An interesting option in the settings was for the power management. This affected the multi-tasking capability. The options are Showcase, Default and Paused. On the homescreen if you swiped to switch between apps the running apps became smaller windows. Each app continues to run in these windows demonstrating that the OS is multi-tasking these apps and switching between them was ast and smooth. In the showcase power setting the apps still operated in the windows and this was demonstrated by showing a video still playing in the smaller window and while flicking the app selector left and right. This is obviously the most power hungry setting. In Default mode the setting employs smarter power management and in paused mode every app pauses it’s behaviour automatically when you navigate to another app.
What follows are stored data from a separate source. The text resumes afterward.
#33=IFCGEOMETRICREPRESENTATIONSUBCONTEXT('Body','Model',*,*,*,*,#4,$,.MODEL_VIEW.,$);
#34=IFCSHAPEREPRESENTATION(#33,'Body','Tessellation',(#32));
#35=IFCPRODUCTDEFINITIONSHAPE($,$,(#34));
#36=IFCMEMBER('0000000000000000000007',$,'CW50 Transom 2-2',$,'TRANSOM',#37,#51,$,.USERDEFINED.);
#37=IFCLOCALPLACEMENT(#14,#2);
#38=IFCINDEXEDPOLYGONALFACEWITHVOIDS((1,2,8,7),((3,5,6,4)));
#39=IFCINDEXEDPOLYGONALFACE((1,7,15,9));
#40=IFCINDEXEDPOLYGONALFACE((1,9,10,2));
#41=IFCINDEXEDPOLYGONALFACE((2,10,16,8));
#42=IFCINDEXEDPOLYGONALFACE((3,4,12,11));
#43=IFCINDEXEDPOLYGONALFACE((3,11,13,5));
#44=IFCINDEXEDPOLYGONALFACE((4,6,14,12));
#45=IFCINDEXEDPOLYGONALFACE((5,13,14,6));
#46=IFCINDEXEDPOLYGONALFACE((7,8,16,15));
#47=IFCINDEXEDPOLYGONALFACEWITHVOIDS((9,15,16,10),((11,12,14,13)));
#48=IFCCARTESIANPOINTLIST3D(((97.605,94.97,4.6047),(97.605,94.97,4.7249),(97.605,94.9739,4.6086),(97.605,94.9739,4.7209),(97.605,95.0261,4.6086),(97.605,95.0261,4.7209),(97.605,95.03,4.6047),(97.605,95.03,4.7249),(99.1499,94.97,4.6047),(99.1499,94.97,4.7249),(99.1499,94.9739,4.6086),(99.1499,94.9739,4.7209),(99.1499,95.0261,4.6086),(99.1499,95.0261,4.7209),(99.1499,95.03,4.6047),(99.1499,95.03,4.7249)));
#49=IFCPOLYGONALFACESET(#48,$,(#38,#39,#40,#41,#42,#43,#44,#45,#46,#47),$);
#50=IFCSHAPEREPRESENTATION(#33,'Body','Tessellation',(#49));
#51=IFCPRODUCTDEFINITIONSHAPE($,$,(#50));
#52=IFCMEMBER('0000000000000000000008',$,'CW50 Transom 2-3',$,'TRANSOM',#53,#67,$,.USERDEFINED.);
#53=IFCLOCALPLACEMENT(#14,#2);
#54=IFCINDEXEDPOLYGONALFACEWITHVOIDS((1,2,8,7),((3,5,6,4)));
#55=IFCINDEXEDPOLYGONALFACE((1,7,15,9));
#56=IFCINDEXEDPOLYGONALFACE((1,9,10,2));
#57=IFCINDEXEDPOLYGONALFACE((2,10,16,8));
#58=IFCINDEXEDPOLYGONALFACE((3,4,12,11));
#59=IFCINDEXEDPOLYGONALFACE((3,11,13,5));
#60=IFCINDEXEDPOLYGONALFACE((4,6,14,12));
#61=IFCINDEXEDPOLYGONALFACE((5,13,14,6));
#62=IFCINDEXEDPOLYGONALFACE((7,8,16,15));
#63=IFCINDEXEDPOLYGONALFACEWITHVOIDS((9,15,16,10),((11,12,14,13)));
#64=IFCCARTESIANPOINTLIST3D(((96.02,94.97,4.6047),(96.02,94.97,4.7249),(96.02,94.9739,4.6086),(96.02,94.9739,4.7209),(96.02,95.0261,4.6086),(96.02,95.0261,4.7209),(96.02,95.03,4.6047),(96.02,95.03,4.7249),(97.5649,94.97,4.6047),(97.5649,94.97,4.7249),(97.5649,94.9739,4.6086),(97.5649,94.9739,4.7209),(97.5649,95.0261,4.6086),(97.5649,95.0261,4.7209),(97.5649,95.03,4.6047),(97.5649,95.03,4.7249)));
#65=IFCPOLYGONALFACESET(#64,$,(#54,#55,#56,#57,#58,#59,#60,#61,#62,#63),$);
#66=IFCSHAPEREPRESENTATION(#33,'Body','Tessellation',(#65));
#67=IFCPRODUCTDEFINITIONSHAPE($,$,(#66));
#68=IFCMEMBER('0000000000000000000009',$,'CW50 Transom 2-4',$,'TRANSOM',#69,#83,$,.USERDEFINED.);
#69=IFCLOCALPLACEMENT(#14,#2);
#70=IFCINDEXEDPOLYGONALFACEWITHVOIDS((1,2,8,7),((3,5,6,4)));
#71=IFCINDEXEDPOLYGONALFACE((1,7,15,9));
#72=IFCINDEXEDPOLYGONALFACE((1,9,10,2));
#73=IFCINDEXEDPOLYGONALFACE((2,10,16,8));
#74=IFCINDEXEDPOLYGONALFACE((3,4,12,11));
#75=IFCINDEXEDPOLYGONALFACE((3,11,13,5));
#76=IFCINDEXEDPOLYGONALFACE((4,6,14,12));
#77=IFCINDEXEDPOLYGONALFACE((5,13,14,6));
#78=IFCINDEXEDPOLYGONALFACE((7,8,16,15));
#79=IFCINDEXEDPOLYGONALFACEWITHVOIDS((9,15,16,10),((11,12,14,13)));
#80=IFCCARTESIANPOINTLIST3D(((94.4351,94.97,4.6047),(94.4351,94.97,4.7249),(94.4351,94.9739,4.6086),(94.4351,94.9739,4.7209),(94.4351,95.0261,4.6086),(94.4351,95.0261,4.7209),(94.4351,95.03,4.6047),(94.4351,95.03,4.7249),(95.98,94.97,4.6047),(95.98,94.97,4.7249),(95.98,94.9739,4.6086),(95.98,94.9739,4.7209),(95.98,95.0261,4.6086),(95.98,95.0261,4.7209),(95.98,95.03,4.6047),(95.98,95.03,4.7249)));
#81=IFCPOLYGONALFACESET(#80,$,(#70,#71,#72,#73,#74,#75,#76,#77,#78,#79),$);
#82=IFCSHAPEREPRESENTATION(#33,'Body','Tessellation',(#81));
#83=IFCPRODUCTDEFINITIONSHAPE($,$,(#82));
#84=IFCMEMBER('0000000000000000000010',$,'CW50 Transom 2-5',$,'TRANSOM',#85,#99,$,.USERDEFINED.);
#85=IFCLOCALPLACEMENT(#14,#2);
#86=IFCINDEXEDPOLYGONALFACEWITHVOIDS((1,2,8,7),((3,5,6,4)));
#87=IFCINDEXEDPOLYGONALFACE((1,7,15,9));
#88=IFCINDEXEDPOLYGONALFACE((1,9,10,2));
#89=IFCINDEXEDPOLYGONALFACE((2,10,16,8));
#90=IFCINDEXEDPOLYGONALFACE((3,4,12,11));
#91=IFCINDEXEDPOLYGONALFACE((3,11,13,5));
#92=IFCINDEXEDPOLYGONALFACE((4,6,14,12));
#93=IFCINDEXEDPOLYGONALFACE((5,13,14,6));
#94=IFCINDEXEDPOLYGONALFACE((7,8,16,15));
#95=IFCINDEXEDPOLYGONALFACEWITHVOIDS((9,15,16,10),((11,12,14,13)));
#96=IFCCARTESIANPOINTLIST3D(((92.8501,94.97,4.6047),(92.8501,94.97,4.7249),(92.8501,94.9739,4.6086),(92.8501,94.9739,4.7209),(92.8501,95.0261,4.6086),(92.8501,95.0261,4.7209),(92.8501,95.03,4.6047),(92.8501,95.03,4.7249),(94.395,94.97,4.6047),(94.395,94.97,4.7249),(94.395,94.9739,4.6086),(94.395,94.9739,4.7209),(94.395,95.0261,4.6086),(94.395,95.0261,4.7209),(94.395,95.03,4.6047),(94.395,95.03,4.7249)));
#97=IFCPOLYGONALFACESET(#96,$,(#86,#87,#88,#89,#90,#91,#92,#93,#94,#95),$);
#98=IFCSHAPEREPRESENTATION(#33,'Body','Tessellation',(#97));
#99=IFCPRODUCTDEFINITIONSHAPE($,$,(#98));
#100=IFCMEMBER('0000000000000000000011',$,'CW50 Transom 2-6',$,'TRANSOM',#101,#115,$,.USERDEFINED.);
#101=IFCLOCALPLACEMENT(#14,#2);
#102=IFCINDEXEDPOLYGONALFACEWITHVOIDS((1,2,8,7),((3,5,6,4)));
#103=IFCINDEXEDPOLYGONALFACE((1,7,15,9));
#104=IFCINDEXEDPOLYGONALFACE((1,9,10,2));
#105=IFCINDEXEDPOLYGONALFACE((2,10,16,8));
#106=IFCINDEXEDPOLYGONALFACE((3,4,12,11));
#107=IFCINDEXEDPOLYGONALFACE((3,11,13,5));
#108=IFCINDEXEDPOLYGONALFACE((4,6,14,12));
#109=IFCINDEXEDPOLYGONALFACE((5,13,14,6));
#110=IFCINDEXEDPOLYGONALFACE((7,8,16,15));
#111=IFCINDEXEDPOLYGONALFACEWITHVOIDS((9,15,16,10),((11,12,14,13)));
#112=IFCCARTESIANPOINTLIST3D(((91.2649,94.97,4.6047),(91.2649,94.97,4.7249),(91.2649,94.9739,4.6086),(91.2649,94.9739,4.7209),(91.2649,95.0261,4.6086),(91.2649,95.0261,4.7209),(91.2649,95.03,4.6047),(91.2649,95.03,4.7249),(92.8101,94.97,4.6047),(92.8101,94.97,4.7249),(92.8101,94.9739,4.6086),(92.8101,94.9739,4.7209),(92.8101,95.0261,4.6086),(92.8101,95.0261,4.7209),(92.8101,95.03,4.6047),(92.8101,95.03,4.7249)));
Connecting to the Blackberry phone was simple and I tested out the Blackberry Bridge function as well as 3G tethering. The Playbook is WiFi-only and therefore doesn’t have a 3G capability without tethering to your Blackberry phone. Using the browser over a 3G tether was slow and even with a good 3G signal it then had to travel over Bluetooth which may be the bottleneck. Accessing email, files, and calendar functions over the bridge connection was easy but when opening larger files I really felt the slowness as it could take 20-30 seconds to open a 3MB PDF. I think I would use the bridge connection for email as having a larger screen and big on screen keyboard is much better than the small phone screen but for reading larger word documents or PDF files I would have to download them before attempting to read as otherwise it was just painful waiting for the pages to render.
The RIM sales represtative also mentioned that they will definitely be releasing a 10 inch version within months and hinted at some special features on it but refused to reveal what. While I prefer the small, pocketable size of a 7 inch device I know guys in my organisation prefer a 10 inch screen so the playbook 7 inch will not get a lot of interest from my co-workers. I feel that RIM has realised this barrier to entry in the enterprise business market and that’s why they are releasing a 10 inch version.
Overall the Tablet was well made, had lots of processing power and felt like a well rounded unit with a good mix of features.
Being from Waterloo and friends with a lot of RIM employees makes me a bit biased but I think playbook is the best tablet hardware so far. ipad2 feels like design class project and sacrafices too much personality for those clean lines. It’s also too large and heavy to be used for more than 10 minutes at a time. The soft-touch back alone makes the playbook a joy to handle and the tiny size actually hits a nice sweet spot of portability and usefulness. Perfect for web browsing.
The software is obviously less good but it’s already improved quite a bit since it was released and since RIM is commited to QNX for future models and product lines like phones the updates should keep rolling in. The basic elements are all there and better than the other tablet OSs to boot.
On iPhone the doubletap to switch apps is an acceptable solution based on the form factor. It just doesn’t work on iPad. Apple can talk about magic all they want, 1 button isn’t enough for iPad. And iOS notifications are terrible on iPhone. on iPad they are downright unacceptable. It’s too big a device to have your entire experience interrupted by a new tweet. Android 3 is a mess of half finished UI concepts and those stupid widgets look nice in demos but day to day just get in your way. Playbook’s gestures are an incredible way to interact with the OS and apps in a fairly intuative and conext-aware way. Video out actually works too, allowing mirror and dual display in a very simple way.
I’m not ready to buy one yet but when the native email update hits along with some other fixes/updates I’m hearing about I’ll likely pick one up.